If partisanship makes you disregard common sense to a point where you're actually trying to defend Sarah Palin's intelligence - something about as easily defensible as Idi Amin's ("who?" - Sarah Palin) philantropy, then I can't help but think that there is something seriously wrong with the two party system.
redsox39
07-06-2009, 10:21 AM
One is smart, the other is the dumbest fucking politician I've ever had the displeasure of hearing. So the media are biased because they show her to be the phenomenally ignorant hick cunt she is, and don't do the same for Obama and Hillary? So they should show how Obama doesn't know who the head of state of any major US ally is? Um, guys, odds are, he DOES know.
You can point out any number of flaws with those guys, but if one is stupid, and the other isn't, then focusing on the one's idiocy has got jack shit to do with bias.
But if Obama were to say somethng retarded like "We have 57 states" or any of his other Gaffes...well he is just tired.
Not saying Palin should become a Mensa member, but come on, the free pass given to his ilk is obvious to all except the most feverent Obama fans.
Archangel
07-06-2009, 10:31 AM
But if Obama were to say somethng retarded like "We have 57 states" or any of his other Gaffes...well he is just tired.
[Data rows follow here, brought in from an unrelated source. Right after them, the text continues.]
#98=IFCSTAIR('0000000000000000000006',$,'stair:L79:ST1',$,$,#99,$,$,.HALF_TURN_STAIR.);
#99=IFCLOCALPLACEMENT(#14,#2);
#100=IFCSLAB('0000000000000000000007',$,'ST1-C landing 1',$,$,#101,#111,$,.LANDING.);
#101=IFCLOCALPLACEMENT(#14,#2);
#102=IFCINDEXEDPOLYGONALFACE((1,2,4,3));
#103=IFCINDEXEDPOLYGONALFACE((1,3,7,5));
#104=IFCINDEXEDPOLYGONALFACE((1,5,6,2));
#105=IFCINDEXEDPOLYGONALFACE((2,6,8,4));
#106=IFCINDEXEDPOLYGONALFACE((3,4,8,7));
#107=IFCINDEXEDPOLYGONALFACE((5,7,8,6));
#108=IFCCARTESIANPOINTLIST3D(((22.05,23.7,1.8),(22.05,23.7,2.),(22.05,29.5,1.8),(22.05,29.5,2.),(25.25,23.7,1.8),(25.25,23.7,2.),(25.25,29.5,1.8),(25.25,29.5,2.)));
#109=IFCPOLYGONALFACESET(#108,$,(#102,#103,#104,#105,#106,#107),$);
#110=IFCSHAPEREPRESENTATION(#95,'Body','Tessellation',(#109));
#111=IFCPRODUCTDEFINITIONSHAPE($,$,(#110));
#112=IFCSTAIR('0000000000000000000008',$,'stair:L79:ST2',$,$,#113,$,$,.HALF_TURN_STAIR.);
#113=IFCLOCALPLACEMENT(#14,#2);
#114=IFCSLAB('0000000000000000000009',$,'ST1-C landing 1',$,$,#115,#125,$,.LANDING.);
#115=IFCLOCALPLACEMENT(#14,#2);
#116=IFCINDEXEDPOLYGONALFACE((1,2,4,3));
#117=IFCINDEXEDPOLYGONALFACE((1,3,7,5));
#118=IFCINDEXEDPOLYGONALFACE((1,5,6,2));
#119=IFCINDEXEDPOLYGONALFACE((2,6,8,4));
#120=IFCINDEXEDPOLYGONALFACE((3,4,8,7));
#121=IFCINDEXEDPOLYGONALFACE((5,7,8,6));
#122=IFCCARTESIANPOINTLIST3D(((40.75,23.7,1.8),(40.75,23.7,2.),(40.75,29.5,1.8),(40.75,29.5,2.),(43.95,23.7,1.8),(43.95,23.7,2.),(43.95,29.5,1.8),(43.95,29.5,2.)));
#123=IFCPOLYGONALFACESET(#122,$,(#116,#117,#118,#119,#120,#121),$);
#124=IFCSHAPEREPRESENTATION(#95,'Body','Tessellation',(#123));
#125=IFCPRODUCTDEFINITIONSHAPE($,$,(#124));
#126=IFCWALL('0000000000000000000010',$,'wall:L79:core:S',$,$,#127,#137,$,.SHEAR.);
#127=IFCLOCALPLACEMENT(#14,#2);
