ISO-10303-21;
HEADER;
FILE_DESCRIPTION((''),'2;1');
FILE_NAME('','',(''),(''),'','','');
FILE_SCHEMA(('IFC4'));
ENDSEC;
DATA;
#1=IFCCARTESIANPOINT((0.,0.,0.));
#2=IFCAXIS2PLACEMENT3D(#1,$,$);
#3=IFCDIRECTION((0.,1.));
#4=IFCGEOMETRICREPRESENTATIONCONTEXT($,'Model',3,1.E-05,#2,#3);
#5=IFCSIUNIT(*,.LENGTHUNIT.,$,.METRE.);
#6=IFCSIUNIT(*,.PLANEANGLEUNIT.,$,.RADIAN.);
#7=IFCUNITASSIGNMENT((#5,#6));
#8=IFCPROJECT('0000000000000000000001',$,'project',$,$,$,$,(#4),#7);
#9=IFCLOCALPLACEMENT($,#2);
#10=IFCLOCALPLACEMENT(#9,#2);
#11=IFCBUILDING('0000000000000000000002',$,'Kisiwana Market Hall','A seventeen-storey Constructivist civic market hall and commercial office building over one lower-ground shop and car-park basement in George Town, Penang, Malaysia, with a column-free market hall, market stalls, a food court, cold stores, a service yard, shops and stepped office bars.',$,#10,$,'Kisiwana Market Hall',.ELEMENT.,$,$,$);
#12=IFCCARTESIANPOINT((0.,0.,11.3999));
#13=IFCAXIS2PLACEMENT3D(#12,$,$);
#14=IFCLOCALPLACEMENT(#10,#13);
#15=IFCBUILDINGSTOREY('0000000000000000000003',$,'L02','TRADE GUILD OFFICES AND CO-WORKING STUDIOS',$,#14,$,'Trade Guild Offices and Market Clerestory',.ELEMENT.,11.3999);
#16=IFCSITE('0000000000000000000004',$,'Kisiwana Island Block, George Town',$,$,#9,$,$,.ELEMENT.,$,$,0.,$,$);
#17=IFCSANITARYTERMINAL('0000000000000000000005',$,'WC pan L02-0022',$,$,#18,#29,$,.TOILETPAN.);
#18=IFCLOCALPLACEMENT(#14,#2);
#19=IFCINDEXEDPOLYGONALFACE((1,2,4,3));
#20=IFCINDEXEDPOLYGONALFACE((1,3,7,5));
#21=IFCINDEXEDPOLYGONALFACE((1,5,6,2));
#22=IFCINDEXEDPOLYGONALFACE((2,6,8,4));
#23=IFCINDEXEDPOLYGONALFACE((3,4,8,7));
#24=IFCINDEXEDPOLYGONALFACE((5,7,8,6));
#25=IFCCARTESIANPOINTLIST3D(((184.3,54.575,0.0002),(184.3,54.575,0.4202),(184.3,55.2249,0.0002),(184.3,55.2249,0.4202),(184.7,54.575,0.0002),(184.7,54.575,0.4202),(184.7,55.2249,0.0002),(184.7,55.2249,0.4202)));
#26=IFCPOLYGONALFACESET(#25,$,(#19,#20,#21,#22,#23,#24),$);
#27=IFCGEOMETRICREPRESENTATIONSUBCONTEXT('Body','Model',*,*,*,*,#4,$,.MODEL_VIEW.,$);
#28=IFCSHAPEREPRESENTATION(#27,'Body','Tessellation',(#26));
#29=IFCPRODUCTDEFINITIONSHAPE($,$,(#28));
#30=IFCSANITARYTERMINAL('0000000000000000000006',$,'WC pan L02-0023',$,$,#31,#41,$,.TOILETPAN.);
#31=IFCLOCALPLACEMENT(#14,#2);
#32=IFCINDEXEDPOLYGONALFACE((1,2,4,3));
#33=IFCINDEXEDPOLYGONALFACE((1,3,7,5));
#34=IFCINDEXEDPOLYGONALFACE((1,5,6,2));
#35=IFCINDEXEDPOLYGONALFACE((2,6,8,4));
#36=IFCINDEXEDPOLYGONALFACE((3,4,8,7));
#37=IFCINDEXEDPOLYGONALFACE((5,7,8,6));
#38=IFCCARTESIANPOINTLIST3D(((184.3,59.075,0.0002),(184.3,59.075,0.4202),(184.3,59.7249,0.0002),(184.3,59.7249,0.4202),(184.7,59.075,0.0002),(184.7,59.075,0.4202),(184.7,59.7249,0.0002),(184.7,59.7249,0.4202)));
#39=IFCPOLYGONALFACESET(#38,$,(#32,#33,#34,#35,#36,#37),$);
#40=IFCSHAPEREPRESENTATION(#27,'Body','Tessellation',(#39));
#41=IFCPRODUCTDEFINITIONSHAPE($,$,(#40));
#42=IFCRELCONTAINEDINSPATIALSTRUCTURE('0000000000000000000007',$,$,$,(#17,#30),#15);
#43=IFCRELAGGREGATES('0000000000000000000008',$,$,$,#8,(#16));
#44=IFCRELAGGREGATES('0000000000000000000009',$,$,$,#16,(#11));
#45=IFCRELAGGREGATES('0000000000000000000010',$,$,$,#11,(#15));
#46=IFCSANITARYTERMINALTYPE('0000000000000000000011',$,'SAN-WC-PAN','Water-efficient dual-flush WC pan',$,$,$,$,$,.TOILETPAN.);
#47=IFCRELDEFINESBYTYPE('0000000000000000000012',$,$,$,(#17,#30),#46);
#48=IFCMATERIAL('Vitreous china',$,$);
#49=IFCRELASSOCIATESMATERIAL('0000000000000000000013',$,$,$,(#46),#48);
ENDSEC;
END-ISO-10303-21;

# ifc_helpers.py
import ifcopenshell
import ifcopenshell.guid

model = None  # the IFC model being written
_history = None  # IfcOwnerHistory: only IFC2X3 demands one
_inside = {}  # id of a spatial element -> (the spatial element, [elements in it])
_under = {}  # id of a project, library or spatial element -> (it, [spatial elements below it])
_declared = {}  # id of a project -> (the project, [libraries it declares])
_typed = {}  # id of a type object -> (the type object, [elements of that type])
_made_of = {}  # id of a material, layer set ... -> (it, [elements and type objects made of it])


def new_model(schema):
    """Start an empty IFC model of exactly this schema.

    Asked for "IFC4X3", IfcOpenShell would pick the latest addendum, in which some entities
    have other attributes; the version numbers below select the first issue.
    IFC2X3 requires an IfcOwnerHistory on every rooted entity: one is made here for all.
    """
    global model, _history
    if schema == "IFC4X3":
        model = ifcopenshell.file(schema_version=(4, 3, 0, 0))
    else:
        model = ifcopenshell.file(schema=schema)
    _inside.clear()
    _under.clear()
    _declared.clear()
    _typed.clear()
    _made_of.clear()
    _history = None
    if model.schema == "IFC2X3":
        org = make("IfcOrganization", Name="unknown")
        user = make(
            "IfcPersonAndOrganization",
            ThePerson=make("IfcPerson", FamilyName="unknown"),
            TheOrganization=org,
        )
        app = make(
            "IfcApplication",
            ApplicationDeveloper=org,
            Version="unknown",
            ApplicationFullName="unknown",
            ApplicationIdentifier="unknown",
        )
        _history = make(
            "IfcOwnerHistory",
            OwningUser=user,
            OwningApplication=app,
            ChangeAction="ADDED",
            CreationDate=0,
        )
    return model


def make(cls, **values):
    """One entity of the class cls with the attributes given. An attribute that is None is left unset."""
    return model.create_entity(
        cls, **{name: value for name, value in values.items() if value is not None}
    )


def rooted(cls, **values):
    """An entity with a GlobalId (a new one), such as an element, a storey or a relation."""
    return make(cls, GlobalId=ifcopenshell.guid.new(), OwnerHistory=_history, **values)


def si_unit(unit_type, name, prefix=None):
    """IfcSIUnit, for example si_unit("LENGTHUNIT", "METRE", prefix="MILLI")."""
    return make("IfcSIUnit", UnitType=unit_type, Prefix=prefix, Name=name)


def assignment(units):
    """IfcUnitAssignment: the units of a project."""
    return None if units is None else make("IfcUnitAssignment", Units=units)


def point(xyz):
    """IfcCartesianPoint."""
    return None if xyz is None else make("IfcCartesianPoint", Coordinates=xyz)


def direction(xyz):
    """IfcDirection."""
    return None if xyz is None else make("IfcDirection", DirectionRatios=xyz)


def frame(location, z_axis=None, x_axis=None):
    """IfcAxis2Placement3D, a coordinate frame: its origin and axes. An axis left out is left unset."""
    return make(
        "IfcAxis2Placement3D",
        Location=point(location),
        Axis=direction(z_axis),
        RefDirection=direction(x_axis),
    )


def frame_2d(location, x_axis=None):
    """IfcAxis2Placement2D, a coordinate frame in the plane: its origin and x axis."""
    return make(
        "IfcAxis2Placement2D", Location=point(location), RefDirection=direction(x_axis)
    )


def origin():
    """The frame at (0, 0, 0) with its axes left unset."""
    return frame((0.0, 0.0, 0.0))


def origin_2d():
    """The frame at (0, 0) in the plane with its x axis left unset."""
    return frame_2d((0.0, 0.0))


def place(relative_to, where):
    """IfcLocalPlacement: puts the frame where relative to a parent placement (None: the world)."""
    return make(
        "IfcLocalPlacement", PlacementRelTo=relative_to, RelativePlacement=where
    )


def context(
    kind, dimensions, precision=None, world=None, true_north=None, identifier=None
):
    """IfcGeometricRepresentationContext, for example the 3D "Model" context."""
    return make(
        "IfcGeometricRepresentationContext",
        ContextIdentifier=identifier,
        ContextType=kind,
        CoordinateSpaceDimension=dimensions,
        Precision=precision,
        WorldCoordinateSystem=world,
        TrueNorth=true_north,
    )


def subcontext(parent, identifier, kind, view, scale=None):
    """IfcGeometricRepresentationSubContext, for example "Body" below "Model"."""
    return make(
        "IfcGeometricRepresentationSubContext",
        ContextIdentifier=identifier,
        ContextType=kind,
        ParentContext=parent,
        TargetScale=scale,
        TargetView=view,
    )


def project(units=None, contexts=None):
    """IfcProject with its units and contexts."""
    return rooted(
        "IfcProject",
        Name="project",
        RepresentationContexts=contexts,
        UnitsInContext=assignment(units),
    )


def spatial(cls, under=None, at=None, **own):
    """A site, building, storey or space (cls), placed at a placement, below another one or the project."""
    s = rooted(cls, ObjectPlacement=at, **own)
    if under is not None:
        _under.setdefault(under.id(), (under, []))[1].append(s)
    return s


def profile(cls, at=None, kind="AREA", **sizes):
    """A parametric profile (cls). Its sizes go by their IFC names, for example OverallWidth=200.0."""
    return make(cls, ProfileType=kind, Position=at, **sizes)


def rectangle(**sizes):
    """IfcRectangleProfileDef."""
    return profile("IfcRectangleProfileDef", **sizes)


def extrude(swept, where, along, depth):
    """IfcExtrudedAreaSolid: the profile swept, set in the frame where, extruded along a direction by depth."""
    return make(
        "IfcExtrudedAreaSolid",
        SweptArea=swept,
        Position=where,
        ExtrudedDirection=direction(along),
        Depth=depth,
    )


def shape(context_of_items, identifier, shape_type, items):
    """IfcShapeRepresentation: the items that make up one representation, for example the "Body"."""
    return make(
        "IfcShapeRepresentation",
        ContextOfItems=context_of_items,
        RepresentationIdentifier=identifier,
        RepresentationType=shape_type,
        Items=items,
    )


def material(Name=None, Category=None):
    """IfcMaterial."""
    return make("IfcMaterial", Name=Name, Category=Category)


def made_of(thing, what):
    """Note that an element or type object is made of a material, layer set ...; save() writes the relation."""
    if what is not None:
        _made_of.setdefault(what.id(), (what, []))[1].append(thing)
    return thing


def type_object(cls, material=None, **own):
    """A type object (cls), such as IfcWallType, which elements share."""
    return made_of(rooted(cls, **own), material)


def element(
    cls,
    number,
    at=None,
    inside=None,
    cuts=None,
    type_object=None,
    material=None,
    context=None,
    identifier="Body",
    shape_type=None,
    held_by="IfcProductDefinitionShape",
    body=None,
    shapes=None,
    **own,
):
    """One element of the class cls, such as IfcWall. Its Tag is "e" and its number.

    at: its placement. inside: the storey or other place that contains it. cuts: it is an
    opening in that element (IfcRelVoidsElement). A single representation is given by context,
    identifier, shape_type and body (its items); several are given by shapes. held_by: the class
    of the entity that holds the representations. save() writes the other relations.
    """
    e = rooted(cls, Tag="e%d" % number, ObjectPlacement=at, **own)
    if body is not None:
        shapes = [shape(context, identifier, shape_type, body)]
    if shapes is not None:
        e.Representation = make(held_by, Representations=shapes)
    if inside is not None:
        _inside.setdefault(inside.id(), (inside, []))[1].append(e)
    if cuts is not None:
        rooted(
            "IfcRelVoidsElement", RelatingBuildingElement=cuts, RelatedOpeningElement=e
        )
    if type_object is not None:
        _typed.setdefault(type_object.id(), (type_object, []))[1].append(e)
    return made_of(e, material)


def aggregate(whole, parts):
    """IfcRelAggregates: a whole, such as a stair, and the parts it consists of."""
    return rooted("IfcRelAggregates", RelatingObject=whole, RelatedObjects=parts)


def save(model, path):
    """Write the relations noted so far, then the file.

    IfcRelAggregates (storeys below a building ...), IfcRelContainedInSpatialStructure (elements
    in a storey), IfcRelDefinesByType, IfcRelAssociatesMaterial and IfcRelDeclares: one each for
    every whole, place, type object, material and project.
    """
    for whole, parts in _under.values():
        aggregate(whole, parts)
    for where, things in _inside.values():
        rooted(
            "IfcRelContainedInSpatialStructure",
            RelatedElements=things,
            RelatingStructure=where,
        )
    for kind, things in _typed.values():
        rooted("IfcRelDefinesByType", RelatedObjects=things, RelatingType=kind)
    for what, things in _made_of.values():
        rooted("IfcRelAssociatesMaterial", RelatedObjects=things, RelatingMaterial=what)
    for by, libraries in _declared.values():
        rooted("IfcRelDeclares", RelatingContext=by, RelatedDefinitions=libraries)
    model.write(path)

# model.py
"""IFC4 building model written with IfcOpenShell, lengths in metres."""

from ifc_helpers import new_model, si_unit, direction, frame, origin, origin_2d, place, context, subcontext, project, spatial, rectangle, extrude, material, type_object, element, save


model = new_model("IFC4")

# Units and contexts
model_context = context("Model", 3, precision=1e-05, world=origin(), true_north=direction((0.0, 1.0)))
body_context = subcontext(model_context, "Body", "Model", "MODEL_VIEW")
ifc_project = project(units=[si_unit("LENGTHUNIT", "METRE"), si_unit("PLANEANGLEUNIT", "RADIAN")], contexts=[model_context])

# Site, building, storey
site_placement = place(None, origin())
site = spatial("IfcSite", under=ifc_project, at=site_placement, Name="Kisiwana Island Block, George Town", CompositionType="ELEMENT", RefElevation=0.0)
building_placement = place(site_placement, origin())
building = spatial("IfcBuilding", under=site, at=building_placement, Name="Kisiwana Market Hall", Description="A seventeen-storey Constructivist civic market hall and commercial office building over one lower-ground shop and car-park basement in George Town, Penang, Malaysia, with a column-free market hall, market stalls, a food court, cold stores, a service yard, shops and stepped office bars.", LongName="Kisiwana Market Hall", CompositionType="ELEMENT")
storey_placement = place(building_placement, frame((0.0, 0.0, 11.3999)))
storey = spatial("IfcBuildingStorey", under=building, at=storey_placement, Name="L02", Description="TRADE GUILD OFFICES AND CO-WORKING STUDIOS", LongName="Trade Guild Offices and Market Clerestory", CompositionType="ELEMENT", Elevation=11.3999)

# Sanitary terminals
ifc_material_1 = material(Name="Vitreous china")
sanitary_terminal_type_1 = type_object("IfcSanitaryTerminalType", Name="SAN-WC-PAN", Description="Water-efficient dual-flush WC pan", PredefinedType="TOILETPAN", material=ifc_material_1)
for number, where, z_axis, x_axis, name in (
    (1, (184.5, 54.8999, 0.0002), (0.0, 0.0, 1.0), (1.0, 0.0, 0.0), "WC pan L02-0022"),
    (2, (184.5, 59.3999, 0.0002), (0.0, 0.0, 1.0), (1.0, 0.0, 0.0), "WC pan L02-0023"),
):
    element("IfcSanitaryTerminal", number, at=place(storey_placement, frame(where, z_axis=z_axis, x_axis=x_axis)), inside=storey, type_object=sanitary_terminal_type_1, Name=name, PredefinedType="TOILETPAN", context=body_context, shape_type="SweptSolid", body=[
        extrude(rectangle(XDim=0.3999, YDim=0.6499, at=origin_2d()), origin(), (0.0, 0.0, 1.0), 0.4199),
    ])

save(model, "model.ifc")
Not saying Palin should become a Mensa member, but come on, the free pass given to his ilk is obvious to all except the most feverent Obama fans.
No offence intended, but If I spell "fervent" wrong, then everybody assumes that I was distracted, or accidentally hit the wrong key. If you spell it "feverent", then everybody assumes that you don't know how it's spelt properly.
Liberal bias? Or the fact that certain higher standards are warranted for a very good reason?
Your religion will be mocked
Palin's isn't a religion, it's the hash which a bunch of illiterates have made of one. If that's a proper religion, then burning scrap metal is a fighter jet.
redsox39
07-06-2009, 10:42 AM
Or the fact that certain higher standards are warranted for a very good reason?
But only if their name is followed by an (R)...
Morfin
07-06-2009, 10:54 AM
Wah, wah, wah, RedSox. You're self-pitying is very unappealing.
Wah, Obama is getting a free pass. Wah, Republicans get more scrutiny.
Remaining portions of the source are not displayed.